Однако мы не спешили, ой, не спешили с отъездом. Мне было не к спеху, да и Франусю тоже, потому как там Тоська, вся обвешанная золотом, еще не зарубцевавшаяся в памяти, зовущая из воспоминаний; там и наши родители, серые, незаметные, в завязанных под подбородком платках, в шляпах блином, сдернутых украдкой с огородного чучела, шлепающие целое лето босиком по лужам, по вязкой глине, по дорогам, разъезженным тысячью колеин, потому что жаль портить башмаки, яловые сапоги, валенки, гамаши, зашнурованные ременными шнурками. Ну, приедут они: глаза гноятся от молотьбы, от ворочанья вилами навоза, выплескивания ведер с навозной жижей, от недосыпу; будут путаться под ногами, молоть всякую чепуху, скулить по-собачьи, куски с тарелки хватать руками, мять в пальцах, рвать, как рвет свою добычу ястреб, долго жевать беззубыми деснами, рыгать, чавкать — стыда не оберешься. А как начнут при дневном свете, при свете ночника, яркой лампочки оглядывать молодую, щупать своими лапищами платье, фату, тыкать пальцами в цветы, вытесненные на материи — не оживут ли случайно, — дивиться, причмокивать, наклоняться до полу, будто за оброненной двадцаткой, и под юбку заглядывать: что там укрыто, спрятано, не напихано ли подушек, не посажено ли на китовый ус. И по животу как начнут поглаживать да груди ощупывать: наливаются ли молоком, выкормят ли без чужой помощи дитятко. Знают — с городскими нужно держать ухо востро, эти в два счета проведут, одурманят, им такие штучки известны, что короткая нога покажется здоровой, стеклянный глаз блеснет живым огоньком, ухо, оглохшее, навечно закупоренное воском, услышит шепот травы.
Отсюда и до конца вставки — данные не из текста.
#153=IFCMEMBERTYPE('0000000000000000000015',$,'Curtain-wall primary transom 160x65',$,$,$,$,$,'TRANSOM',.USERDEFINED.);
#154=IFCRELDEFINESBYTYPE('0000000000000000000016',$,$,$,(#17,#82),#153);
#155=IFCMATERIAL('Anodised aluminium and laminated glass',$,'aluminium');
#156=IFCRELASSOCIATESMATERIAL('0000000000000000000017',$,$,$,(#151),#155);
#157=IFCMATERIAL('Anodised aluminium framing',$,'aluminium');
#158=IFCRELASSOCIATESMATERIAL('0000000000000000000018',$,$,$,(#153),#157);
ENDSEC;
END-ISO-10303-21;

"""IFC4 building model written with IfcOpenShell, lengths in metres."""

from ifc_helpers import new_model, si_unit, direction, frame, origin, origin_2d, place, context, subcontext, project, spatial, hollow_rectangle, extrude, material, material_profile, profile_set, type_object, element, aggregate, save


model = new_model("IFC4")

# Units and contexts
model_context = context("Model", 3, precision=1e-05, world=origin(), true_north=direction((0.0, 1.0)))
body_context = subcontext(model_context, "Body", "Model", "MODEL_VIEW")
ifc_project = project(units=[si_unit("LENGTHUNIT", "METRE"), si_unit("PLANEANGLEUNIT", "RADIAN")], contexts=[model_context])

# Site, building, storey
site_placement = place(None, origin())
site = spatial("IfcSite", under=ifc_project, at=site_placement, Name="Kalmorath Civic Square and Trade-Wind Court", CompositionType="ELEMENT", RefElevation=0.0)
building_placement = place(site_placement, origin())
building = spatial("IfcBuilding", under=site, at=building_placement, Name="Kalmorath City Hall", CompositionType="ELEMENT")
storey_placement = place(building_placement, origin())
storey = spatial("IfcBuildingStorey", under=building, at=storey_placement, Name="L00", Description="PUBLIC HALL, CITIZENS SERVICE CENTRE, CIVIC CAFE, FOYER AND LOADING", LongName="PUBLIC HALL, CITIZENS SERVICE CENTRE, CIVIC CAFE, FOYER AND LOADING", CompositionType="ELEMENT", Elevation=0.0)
Мучились мы с этой заботой, ночей не спали, сто раз заходили на вокзал, толкались у билетных касс, на перронах стояли, пиво пили кружку за кружкой, чтоб в конце концов выскочить из поезда и вернуться к вдовушке. Письма много раз начинали писать, звали приехать, просили подкинуть деньжонок. Но ни одного письмишка так и не отправили, все изорвали в клочки, сожгли в печке, прослезясь, запили смородовым вином, по стаканчику чистой опрокинули. И постановили, что нечего нам ехать в деревню над рекой, обходить дядьев и теток, клянчить деньги, и писем не стоит слать, лучше съездить в ближайшую деревню, почти что слившуюся с городом, пошататься по ней денечек, круглыми сиротами прикинуться, присмотреть исподтишка Франусю родителей, определить по виду, по цепкому взгляду, по толковым речам, кто посолиднее, и привести в костел на венчанье, а коли понадобится, то и заплатить, не скупясь, за понапрасну потраченное время.
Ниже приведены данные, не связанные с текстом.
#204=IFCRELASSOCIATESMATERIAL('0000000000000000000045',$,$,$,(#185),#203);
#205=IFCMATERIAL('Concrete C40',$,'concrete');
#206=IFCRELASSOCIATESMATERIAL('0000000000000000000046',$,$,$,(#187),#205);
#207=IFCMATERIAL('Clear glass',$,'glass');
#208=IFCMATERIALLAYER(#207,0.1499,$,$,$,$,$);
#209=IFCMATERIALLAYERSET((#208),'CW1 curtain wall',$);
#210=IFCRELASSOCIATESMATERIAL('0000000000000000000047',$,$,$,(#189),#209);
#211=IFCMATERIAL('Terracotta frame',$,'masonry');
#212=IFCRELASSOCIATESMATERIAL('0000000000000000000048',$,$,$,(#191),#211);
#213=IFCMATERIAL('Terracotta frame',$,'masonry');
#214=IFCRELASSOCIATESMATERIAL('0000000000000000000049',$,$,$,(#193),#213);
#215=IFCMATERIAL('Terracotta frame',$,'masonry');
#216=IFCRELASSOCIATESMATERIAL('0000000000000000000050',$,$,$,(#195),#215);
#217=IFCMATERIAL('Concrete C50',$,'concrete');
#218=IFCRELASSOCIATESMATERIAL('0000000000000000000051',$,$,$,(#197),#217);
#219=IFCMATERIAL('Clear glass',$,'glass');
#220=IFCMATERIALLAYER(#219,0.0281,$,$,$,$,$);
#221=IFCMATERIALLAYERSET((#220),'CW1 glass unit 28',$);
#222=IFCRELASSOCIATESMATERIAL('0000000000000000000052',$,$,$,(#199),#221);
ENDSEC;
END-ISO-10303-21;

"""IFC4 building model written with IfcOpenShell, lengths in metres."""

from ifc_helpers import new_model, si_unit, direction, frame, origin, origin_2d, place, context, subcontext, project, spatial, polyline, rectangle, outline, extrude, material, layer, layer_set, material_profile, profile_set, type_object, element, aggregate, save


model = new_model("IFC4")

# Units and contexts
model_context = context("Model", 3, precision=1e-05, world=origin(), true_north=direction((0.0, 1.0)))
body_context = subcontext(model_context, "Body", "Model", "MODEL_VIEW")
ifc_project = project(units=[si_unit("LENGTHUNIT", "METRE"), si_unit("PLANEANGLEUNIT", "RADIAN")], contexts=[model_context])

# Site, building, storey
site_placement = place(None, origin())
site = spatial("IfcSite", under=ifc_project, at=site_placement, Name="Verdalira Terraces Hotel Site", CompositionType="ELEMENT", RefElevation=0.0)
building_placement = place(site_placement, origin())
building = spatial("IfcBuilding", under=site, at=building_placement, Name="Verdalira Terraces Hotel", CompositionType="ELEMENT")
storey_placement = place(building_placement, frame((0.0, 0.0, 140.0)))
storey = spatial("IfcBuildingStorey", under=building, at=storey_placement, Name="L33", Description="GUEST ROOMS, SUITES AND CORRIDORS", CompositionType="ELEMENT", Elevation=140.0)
— Ты, сукин сын, малярная гнида, босомыжник вшивый, шелудивый, сроду не умывавшийся, — говорил я, захмелев, Франусю и лупил его по башке, а сам незнамо как радовался, что удалось его отвратить от мысли привезти из деревни родителей, а то и дядей, теток, свойственников. Одного только мне было жаль: корзин с яичками, с прессованным домашним сыром, зажаренных в духовке кур, фаршированных потрошками, подрумяненных на масле индеек, хрустящих гусей, а возможно, колбас, целой грудой вываленных на стол, окороков, зельца, ветчины, особых пирогов и ватрушек.